Wednesday, 26 October 2016

Neither God Nor Master: A History of Anarchism


This documentary on anarchist history (in the original French Ni dieu ni maître: Un histoire de l’anarchisme), directed by Patrick Barbéris and scripted by Tancrède Ramonet, and to which my book Cartographie de l’anarchisme révolutionnaire contributed ideas of historical structure and for which I was interviewed in Paris in 2013, is currently being screened on TV to acclaim by anarchists in Sweden. The Temps Noir film has been edited into three versions: 1. DVD 3 x 90 minutes; 2. Arte France (French TV) 2 x 70 minutes; and 3. International version 5 x 52 minutes. 

The historians interviewed include Kenyon Zimmer (USA), Normand Baillargeon (Canada), Jean-Yves Mollier (France), Gaetano Manfredonia (Italy), Jean-Christophe Angaut (France), Mikhail Tsovma (Russia), Robert Graham (Canada), Marianne Enckell (Switzerland), Michael Schmidt (South Africa), Matthew Carr (UK), Alain Dobouf (France), Giampietro Berti (italy), Servando Rocha (Spain), Frank Mintz (France), Eric Aunoble (Switzerland) and Édouard Waintrop (France).

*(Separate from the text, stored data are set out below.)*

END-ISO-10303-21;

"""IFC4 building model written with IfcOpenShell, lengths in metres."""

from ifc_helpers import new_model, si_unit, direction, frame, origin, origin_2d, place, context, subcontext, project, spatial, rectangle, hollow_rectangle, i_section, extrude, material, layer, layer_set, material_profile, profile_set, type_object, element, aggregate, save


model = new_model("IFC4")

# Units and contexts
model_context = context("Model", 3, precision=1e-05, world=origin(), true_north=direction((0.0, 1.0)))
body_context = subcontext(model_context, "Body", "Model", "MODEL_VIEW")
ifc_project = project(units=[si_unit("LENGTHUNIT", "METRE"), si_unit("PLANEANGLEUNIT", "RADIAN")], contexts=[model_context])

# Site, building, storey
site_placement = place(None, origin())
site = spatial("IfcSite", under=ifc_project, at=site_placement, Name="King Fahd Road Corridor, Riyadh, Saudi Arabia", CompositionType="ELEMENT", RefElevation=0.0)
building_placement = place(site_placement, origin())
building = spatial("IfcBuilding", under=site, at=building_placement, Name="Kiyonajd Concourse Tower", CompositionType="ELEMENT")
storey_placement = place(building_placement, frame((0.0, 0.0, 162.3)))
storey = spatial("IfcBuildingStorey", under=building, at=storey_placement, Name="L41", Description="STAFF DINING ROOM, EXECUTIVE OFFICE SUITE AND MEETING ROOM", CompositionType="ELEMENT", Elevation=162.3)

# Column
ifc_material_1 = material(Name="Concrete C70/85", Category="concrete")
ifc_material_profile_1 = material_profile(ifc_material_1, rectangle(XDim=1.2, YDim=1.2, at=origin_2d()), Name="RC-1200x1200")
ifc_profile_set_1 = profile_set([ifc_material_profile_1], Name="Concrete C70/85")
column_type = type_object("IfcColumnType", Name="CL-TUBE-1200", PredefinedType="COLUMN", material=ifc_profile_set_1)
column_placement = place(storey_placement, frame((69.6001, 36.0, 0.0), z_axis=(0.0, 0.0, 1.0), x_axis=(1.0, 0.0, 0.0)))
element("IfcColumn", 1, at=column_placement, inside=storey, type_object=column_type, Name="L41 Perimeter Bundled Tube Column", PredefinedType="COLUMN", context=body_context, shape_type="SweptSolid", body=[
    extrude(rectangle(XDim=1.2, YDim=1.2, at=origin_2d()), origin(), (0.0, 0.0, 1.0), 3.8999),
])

The trajectory of the shorter (2.3-hour) French version is interesting if pretty conventional for Francophone audiences: Proudhon, Bakunin, the Paris Commune, the Chicago Martyrs, the Mexican Revolution, the Russian & Ukrainian Revolutions, the Kronstadt Revolt, anarchist repression in Russia, Ukraine, Germany, China, Japan, and the USA, the anti-fascist resistance... and it then breaks with convention by going into detail on the Platform, before continuing with the Spanish Revolution. I'm really keen to see the longer (4.5-hour) DVD in English so that I can give a proper estimation, as my French is poor!